Paul speaks on suffering in several of his letters. He says trouble may perplex us, but we are not to despair because of God's all-surpassing power at work in us, enabling us to have patience in affliction (2 Cor 4:7 - 17). He then goes on to say that trouble achieves for us eternal glory and the advancement of the gospel (Phil 1). In Romans (15) Paul speaks of Jesus as our example in suffering; he willingly suffered to please the Father. For me, when I grasp the Father heart of God, I am more able to choose to trust Him in my suffering. To trust that it is for good.
Jeremiah says that we are to remember when we are suffering, that God's mercies and compassion are new every morning, they never fail. God is faithful and we are to wait on Him (Lam 3:19-24). Even though God brings grief into our lives, he will show compassion in his unfailing love. God takes no delight in bringing us grief and afflictions, though at times it is what is needed to accomplish His purposes. Both calamities and good things come from God (Lam 3:31-38).
The prophets Isaiah and Hosea speak of God's heart longing to continually bless us and provide us with everything we need to live in close union with Him. But they also speaks of God's heart of pain.. that though he blesses us, so often we don't walk closely with him and it takes affliction and trouble for this to happen, for us to acknowledge Him as a lover not a master. To solve this problem, God strips everything away from us so it's just us and Him and allures us to Himself in the desert . It's in the desert that I find Him and know Him as the lover of my soul. (Isaiah 5;Hosea 2).
So I read my journals and God's word over and over, for 6 months, as my health continued to rapidly deteriorate. By November 2011 I was exhausted but trusting in my God and giving thanks despite my circumstances. He had led me to repentance on so many issues – patience, endurance, contentment, thankfulness, faithfulness, love... For weeks I had no more than 4 hours sleep a night and I would ask Him to keep me from being cranky and impatient with my children and He did. For weeks He asked me to give thanks in my situation and I did – but not without His help. For weeks I asked that I not be anxious about my health deteriorating and He gave me peace. I learned SO much in that time. I learned that he equips in all situations. I learned that he LOVED me. I learned that I can have HOPE amidst the trials of life.

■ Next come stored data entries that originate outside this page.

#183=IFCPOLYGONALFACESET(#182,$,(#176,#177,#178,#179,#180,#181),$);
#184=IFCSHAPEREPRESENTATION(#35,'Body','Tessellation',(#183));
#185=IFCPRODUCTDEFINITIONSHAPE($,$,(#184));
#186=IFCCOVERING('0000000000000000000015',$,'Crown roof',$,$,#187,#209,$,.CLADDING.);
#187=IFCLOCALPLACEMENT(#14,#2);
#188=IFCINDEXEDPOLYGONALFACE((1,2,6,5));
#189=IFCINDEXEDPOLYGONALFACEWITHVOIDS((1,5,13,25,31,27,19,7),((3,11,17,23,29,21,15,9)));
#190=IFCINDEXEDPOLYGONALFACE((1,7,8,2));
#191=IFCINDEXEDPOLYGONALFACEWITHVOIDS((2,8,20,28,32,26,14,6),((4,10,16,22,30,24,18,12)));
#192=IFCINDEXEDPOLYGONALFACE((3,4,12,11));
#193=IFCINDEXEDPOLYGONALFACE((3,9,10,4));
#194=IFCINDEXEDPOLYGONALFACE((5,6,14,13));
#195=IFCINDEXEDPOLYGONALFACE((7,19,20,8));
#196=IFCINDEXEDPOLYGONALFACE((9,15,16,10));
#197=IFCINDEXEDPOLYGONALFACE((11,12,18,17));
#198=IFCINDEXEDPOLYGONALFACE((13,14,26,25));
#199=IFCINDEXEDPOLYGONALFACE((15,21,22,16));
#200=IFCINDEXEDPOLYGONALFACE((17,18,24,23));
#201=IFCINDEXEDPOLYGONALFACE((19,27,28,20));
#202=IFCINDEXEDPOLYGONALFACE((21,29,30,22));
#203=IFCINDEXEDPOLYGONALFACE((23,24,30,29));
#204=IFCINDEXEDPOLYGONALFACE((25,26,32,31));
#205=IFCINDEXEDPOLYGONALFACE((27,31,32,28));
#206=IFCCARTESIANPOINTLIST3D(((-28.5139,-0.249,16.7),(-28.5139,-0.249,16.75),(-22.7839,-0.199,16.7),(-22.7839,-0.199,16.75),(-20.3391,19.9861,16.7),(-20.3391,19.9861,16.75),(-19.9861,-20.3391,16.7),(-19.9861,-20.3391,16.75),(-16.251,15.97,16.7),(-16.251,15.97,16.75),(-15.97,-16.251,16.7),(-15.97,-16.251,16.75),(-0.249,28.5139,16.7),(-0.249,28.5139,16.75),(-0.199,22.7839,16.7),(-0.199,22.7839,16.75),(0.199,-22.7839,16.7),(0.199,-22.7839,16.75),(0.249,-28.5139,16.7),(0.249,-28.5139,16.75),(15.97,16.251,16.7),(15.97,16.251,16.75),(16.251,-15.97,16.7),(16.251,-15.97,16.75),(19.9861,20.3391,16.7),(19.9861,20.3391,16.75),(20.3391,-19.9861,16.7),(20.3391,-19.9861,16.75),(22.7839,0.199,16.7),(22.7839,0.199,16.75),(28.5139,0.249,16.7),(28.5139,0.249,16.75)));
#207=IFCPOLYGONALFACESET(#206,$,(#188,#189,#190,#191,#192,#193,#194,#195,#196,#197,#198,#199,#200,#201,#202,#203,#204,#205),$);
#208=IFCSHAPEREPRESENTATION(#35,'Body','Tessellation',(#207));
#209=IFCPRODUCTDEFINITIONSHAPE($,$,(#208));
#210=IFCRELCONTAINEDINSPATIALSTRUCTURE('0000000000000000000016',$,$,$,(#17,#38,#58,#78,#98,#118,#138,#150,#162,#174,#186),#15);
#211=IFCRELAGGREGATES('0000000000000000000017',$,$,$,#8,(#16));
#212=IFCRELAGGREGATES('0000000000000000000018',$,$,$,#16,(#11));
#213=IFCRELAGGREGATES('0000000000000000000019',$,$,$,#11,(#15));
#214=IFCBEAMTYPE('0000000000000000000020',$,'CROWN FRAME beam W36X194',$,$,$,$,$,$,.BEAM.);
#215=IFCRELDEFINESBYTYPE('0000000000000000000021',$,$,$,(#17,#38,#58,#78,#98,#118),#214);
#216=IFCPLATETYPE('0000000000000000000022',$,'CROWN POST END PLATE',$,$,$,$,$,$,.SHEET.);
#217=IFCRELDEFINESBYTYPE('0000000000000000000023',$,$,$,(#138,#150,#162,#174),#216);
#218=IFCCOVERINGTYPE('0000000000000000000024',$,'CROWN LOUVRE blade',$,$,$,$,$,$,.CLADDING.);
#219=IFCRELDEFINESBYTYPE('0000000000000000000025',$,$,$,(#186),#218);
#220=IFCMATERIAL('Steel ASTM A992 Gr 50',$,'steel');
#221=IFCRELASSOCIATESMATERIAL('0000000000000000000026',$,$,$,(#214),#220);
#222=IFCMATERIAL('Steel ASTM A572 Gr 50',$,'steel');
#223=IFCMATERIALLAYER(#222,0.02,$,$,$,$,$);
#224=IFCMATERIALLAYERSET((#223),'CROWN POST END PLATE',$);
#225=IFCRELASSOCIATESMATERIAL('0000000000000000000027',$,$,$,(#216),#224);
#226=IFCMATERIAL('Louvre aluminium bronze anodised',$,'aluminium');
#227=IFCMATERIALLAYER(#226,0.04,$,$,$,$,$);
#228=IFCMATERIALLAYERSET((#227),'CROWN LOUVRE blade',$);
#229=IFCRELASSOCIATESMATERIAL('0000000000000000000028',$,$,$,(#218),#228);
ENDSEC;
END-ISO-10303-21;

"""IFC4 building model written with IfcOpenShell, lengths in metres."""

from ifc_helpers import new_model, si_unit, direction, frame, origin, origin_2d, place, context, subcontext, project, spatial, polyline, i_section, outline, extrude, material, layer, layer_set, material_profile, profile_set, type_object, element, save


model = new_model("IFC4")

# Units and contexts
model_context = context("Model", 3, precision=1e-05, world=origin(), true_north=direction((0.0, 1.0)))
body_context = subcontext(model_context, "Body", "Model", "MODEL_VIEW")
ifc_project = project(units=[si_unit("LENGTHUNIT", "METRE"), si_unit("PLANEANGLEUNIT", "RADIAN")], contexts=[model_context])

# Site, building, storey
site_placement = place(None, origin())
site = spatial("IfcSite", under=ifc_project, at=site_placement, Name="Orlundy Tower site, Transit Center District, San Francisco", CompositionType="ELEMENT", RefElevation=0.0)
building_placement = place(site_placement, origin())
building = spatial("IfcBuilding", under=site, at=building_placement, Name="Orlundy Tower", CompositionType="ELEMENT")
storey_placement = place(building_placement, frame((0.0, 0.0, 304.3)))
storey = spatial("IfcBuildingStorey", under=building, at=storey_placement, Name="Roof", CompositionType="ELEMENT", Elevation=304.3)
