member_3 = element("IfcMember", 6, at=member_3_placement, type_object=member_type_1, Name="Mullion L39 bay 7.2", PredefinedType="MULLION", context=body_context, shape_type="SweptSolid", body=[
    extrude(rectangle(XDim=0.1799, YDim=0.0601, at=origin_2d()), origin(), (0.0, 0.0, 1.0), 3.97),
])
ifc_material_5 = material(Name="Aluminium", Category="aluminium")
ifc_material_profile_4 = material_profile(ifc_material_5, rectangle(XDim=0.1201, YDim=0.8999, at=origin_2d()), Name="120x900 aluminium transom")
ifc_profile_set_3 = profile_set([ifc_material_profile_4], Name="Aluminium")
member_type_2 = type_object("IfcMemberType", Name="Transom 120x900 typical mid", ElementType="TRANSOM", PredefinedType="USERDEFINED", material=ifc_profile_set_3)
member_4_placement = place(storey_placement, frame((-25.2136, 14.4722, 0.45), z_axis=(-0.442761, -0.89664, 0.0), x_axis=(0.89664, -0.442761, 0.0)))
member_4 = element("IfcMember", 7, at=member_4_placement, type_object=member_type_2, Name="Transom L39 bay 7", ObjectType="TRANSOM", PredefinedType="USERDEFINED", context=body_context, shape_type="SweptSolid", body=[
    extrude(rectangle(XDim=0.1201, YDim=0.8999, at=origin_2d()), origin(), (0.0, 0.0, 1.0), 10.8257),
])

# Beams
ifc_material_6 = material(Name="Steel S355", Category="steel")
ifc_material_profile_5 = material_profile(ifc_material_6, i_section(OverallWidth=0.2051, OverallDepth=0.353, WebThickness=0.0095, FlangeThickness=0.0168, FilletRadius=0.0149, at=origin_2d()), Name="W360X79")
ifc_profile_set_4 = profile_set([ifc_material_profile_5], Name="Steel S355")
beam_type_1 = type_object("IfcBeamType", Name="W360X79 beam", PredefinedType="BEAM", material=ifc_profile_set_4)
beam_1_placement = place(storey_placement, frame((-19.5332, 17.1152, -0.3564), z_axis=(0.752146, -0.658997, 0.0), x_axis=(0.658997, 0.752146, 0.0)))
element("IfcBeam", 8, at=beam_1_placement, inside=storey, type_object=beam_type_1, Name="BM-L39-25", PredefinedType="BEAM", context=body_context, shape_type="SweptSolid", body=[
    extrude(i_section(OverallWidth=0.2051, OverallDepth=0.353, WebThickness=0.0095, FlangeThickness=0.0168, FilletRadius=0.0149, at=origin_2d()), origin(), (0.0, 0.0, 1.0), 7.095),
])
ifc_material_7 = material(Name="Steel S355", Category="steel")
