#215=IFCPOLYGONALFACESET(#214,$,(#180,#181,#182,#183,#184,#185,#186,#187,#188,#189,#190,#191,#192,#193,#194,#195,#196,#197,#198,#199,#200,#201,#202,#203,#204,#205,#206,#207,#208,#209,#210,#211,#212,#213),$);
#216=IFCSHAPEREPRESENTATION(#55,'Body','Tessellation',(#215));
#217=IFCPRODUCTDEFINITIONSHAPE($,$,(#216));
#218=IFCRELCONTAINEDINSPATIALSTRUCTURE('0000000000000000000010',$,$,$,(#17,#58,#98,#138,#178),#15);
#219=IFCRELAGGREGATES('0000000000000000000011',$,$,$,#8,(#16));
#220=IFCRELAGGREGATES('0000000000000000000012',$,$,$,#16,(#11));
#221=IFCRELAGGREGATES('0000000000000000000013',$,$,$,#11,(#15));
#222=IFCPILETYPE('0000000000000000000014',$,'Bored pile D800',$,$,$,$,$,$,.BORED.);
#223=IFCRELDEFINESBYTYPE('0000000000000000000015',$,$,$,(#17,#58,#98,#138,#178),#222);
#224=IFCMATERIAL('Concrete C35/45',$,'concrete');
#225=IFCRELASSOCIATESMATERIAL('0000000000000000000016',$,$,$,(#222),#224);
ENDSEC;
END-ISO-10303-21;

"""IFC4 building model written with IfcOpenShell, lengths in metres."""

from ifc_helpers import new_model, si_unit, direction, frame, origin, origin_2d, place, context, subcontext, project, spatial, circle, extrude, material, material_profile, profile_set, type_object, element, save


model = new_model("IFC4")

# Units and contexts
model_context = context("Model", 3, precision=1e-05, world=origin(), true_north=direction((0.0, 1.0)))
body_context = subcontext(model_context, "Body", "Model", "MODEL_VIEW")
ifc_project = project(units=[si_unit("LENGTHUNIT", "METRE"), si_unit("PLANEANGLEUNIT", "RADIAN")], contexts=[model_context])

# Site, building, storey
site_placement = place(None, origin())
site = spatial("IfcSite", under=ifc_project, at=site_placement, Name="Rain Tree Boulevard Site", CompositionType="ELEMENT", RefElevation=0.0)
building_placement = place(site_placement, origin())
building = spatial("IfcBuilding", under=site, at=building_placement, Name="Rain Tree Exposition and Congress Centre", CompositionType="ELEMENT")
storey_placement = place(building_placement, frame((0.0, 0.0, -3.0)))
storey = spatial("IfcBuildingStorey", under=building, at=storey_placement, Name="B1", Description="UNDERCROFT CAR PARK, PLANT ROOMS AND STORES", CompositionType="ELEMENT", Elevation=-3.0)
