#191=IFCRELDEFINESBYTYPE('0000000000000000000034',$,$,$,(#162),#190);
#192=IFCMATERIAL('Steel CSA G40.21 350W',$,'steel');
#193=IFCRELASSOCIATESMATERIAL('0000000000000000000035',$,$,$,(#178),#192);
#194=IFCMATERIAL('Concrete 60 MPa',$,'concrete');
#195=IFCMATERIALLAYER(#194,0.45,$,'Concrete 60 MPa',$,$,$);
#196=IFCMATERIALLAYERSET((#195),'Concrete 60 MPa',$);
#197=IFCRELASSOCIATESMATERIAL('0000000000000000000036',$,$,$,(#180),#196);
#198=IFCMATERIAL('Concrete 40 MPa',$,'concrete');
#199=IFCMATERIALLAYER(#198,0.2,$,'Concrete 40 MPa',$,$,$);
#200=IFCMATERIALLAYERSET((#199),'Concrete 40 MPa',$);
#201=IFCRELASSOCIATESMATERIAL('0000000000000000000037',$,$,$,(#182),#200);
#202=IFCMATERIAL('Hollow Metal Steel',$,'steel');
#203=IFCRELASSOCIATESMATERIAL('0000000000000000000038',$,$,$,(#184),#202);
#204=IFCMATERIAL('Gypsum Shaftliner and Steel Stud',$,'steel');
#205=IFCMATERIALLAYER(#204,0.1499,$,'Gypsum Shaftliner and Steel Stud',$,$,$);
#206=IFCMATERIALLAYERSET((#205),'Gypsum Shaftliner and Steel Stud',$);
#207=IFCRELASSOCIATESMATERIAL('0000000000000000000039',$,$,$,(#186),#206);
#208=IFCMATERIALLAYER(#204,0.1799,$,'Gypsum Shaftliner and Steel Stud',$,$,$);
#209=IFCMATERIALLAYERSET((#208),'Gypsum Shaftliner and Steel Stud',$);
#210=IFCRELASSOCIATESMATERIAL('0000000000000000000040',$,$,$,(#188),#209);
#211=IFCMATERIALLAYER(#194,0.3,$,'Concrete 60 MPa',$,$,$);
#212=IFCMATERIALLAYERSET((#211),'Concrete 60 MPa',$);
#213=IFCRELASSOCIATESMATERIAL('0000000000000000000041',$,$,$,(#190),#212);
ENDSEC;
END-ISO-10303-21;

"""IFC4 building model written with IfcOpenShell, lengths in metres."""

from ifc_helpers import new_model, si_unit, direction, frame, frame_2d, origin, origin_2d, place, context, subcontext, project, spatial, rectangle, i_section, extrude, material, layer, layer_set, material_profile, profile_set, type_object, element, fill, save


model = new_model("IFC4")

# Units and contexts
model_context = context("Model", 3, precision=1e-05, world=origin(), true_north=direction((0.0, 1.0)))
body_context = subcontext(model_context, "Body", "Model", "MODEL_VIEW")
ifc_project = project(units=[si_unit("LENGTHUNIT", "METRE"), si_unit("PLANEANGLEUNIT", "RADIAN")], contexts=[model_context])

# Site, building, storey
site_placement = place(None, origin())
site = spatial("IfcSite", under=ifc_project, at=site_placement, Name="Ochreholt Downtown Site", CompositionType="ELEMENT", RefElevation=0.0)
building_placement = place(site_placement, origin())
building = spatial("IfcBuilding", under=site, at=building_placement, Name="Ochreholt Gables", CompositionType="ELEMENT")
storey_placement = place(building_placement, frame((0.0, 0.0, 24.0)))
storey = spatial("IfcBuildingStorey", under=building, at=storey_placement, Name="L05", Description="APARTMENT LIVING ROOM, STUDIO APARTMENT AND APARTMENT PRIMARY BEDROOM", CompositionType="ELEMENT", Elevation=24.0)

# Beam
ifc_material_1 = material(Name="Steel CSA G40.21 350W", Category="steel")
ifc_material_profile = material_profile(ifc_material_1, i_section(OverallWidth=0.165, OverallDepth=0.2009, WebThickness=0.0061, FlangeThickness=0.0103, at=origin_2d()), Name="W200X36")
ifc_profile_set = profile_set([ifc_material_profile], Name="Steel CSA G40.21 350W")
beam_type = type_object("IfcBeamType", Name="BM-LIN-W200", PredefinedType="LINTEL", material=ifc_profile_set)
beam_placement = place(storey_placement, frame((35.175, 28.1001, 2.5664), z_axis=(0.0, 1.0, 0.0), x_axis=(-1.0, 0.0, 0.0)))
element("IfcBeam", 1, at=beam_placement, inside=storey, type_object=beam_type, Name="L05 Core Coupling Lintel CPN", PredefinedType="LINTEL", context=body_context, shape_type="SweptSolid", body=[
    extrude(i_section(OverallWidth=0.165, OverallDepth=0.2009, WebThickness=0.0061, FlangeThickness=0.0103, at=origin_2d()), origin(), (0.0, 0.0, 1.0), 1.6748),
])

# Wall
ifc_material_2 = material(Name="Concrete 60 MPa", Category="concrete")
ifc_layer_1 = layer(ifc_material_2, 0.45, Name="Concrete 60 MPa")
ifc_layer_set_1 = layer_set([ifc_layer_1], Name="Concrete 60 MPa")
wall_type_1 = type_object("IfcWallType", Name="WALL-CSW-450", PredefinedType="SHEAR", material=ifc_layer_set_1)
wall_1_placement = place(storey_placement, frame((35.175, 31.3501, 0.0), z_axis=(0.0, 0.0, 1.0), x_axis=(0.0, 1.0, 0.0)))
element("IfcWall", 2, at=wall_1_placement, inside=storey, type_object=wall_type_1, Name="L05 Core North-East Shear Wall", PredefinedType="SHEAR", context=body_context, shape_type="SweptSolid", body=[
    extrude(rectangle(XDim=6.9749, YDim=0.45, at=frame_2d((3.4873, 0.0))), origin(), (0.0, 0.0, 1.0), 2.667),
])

In early Dec 2011 a diagnosis was made. God opened a door to the truth. I had a leaky gut, inherited, that meant I could not currently digest all grains, legumes, dairy, fruit, ferments, chicken and lamb. I was horrendously intolerant to gluten but not a coeliac. If I changed my diet, all my symptoms should disappear, but it would take 3-5 years to heal my gut.
So was it love when God allowed this? For me, a resounding yes! For if I had not discovered this I would have died young and not been alive to raise my children and love my husband. My children too have this disorder. By discovering this early, we have improved their health drastically. I have had this all my life. I had always been sick. He has shown me healing in a way I could never have imagined. I have never been so well. I am grateful.